Unions have been in decline for 50 years or more and our pervasive consumerism is one of the less appreciated causes. We now live in a world in which the prevailing attitude is that workers – like virtually everything else in our culture – are commodities, to be bought and sold. Implicitly accepting this perspective, most workers take for granted management’s unfettered right to treat them in any way they see fit. The idea of resisting management’s dictates – or, even more farfetched, organizing in opposition – seems beyond most workers’ imagination.
This consumer-oriented mindset also defines our politics. Instead of being active participants in co-creating our public policies, we look for a magic candidate – still another type of product – to cure our ills.
Barack Obama’s 2008 election is a perfect example of this process. As Peter Gabel pointed out in a 2010 article in Tikkun magazine:
“A major weakness with that 2008 moment is that it was constituted by 6 months of watching Obama on television, by an overreliance by each of us in our separate space on watching that remarkable smile and listening to that sometimes-transcendent oratory.

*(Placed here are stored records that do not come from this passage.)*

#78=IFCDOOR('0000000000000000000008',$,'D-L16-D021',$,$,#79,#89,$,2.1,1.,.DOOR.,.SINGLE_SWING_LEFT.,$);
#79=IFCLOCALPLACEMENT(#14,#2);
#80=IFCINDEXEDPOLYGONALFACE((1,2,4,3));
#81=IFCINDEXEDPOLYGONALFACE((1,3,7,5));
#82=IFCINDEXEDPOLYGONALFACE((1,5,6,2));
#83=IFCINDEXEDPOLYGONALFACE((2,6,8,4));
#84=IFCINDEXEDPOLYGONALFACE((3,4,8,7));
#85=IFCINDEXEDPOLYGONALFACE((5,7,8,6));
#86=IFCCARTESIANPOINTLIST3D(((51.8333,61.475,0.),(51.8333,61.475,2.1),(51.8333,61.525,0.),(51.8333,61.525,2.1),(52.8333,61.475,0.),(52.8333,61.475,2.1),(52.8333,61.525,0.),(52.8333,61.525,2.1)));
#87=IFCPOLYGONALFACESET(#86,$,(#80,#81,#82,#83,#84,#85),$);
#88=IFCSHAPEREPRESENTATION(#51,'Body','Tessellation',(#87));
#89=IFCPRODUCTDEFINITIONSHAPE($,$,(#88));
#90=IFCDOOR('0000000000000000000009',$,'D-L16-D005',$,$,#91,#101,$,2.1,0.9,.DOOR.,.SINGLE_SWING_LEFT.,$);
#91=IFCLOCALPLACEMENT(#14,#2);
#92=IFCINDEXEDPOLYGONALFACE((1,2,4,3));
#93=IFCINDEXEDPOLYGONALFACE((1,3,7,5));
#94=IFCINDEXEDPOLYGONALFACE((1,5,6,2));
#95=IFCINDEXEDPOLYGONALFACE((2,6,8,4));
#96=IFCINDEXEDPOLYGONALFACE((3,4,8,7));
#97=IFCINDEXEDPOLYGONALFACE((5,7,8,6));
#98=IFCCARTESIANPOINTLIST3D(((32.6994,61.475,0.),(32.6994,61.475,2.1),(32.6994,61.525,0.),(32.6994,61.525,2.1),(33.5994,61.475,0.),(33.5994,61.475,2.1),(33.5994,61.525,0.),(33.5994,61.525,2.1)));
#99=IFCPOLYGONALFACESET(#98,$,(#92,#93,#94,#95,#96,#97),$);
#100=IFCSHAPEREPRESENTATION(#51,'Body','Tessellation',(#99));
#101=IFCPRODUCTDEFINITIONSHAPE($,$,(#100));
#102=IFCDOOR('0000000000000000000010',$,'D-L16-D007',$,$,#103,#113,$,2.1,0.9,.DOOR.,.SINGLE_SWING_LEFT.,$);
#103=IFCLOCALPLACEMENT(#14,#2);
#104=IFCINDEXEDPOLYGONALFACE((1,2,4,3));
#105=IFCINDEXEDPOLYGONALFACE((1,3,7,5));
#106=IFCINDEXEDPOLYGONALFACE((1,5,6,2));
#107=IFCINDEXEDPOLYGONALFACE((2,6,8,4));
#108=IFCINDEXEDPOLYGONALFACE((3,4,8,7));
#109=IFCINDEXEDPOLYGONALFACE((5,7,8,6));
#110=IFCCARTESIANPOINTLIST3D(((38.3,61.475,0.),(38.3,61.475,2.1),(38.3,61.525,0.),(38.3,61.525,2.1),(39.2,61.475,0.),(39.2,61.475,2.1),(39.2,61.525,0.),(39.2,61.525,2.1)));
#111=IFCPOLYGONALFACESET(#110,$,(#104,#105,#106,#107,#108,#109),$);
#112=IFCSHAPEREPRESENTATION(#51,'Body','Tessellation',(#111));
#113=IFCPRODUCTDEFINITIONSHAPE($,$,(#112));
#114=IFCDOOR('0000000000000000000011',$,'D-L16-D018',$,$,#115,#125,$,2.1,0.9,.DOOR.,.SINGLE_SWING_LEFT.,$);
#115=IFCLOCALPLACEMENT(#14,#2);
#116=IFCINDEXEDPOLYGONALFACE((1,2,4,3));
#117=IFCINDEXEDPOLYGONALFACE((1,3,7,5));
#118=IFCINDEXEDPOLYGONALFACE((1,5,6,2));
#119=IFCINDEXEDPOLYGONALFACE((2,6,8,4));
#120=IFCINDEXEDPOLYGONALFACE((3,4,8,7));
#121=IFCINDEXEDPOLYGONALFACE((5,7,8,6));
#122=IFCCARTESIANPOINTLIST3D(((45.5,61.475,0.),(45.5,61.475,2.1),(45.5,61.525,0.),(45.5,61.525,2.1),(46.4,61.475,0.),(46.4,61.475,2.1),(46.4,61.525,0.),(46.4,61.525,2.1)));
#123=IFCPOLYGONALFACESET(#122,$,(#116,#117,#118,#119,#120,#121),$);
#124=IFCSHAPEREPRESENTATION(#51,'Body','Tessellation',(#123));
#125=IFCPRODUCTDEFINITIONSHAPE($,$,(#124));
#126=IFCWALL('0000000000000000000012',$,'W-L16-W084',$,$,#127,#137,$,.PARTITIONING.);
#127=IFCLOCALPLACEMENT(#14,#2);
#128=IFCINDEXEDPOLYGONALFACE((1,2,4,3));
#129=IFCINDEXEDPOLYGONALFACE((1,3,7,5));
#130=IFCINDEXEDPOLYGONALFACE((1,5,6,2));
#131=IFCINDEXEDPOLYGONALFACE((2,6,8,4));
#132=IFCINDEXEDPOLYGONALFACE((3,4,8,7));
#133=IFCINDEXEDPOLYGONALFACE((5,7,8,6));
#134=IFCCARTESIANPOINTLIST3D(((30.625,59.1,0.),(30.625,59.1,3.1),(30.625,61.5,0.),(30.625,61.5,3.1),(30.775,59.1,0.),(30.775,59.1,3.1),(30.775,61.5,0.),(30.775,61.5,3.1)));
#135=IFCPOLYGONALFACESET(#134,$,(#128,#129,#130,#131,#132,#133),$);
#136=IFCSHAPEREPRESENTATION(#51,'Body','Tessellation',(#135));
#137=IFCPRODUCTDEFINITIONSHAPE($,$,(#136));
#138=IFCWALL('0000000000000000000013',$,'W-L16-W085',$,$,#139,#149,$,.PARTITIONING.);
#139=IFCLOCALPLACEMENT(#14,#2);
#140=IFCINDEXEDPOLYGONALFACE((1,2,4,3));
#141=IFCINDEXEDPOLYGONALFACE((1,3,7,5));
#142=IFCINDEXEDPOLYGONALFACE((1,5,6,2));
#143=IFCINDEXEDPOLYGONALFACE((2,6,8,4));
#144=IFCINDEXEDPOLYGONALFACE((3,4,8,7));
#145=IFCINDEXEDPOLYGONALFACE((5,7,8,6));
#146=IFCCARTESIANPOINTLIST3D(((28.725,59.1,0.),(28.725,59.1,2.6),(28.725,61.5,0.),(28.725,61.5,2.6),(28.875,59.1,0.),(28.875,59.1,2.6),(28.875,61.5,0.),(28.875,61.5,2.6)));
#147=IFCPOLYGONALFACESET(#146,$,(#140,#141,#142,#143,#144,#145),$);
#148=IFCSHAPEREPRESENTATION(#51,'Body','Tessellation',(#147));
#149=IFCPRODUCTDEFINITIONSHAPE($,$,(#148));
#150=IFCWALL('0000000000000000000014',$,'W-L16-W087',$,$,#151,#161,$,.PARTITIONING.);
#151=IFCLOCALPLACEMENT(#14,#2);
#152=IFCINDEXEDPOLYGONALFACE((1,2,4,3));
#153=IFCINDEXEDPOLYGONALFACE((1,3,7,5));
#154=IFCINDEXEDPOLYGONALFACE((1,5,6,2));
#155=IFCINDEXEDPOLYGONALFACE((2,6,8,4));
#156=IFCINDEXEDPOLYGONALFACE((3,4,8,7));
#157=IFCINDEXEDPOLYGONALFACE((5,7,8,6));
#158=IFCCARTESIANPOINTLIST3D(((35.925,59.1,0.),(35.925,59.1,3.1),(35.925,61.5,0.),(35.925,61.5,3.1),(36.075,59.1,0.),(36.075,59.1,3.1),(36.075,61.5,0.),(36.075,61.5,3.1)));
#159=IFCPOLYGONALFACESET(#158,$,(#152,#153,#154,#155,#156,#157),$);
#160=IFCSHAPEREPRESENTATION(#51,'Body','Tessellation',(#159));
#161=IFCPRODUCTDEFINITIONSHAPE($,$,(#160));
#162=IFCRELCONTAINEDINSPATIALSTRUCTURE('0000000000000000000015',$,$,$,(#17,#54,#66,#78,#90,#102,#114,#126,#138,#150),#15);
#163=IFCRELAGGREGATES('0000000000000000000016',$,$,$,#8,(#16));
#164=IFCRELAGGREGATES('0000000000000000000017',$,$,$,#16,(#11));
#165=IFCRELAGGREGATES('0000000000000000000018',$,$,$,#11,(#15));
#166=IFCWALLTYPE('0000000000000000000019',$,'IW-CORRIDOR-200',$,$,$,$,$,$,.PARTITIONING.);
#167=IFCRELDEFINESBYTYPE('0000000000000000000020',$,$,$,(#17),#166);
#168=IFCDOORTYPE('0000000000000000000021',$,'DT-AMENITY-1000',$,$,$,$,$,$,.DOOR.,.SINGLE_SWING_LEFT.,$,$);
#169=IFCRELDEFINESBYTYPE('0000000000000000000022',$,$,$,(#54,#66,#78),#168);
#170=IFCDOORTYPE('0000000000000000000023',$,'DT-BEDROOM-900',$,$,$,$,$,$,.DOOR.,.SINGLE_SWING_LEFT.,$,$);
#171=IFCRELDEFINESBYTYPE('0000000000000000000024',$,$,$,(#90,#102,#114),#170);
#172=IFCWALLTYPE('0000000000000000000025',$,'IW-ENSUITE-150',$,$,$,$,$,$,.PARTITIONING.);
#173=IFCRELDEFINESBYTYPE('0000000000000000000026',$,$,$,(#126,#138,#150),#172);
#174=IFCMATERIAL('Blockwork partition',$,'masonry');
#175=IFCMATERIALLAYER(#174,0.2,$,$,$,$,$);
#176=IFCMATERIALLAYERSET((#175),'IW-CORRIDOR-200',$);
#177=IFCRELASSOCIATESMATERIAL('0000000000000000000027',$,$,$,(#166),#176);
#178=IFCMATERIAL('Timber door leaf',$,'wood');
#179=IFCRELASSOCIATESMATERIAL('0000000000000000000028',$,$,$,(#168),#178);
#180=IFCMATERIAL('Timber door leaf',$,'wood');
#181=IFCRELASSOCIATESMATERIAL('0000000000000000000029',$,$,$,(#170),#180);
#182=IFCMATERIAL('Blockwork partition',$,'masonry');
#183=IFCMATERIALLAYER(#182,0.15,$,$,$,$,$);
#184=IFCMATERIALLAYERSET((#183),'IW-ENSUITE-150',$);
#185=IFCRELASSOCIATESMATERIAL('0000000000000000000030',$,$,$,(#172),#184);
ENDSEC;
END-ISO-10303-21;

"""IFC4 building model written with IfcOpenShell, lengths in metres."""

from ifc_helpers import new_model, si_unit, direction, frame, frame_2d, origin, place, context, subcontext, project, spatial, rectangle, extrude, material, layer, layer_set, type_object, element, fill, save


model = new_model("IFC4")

It was not constituted out of our own social movements, emerging from our own idealistic actions over time through which we stitched ourselves together in real social relations. It was mainly a cheer led by one person through TV. Without his ‘mediation,’ we didn’t exist.”
If we hope to effectively deal with consumerism’s pervasive influence, we need to understand the breadth of its influence, as well as its debilitating effect on our ability to be active agents in our lives.
Beyond that, we need to understand that we are in a war of attrition. The only way to wean our selves from this engrained, self-defeating consumer mindset is to systematically practice new habits of living that more effectively serve our purposes. And that, of course, is what Radical Decency seeks to provide.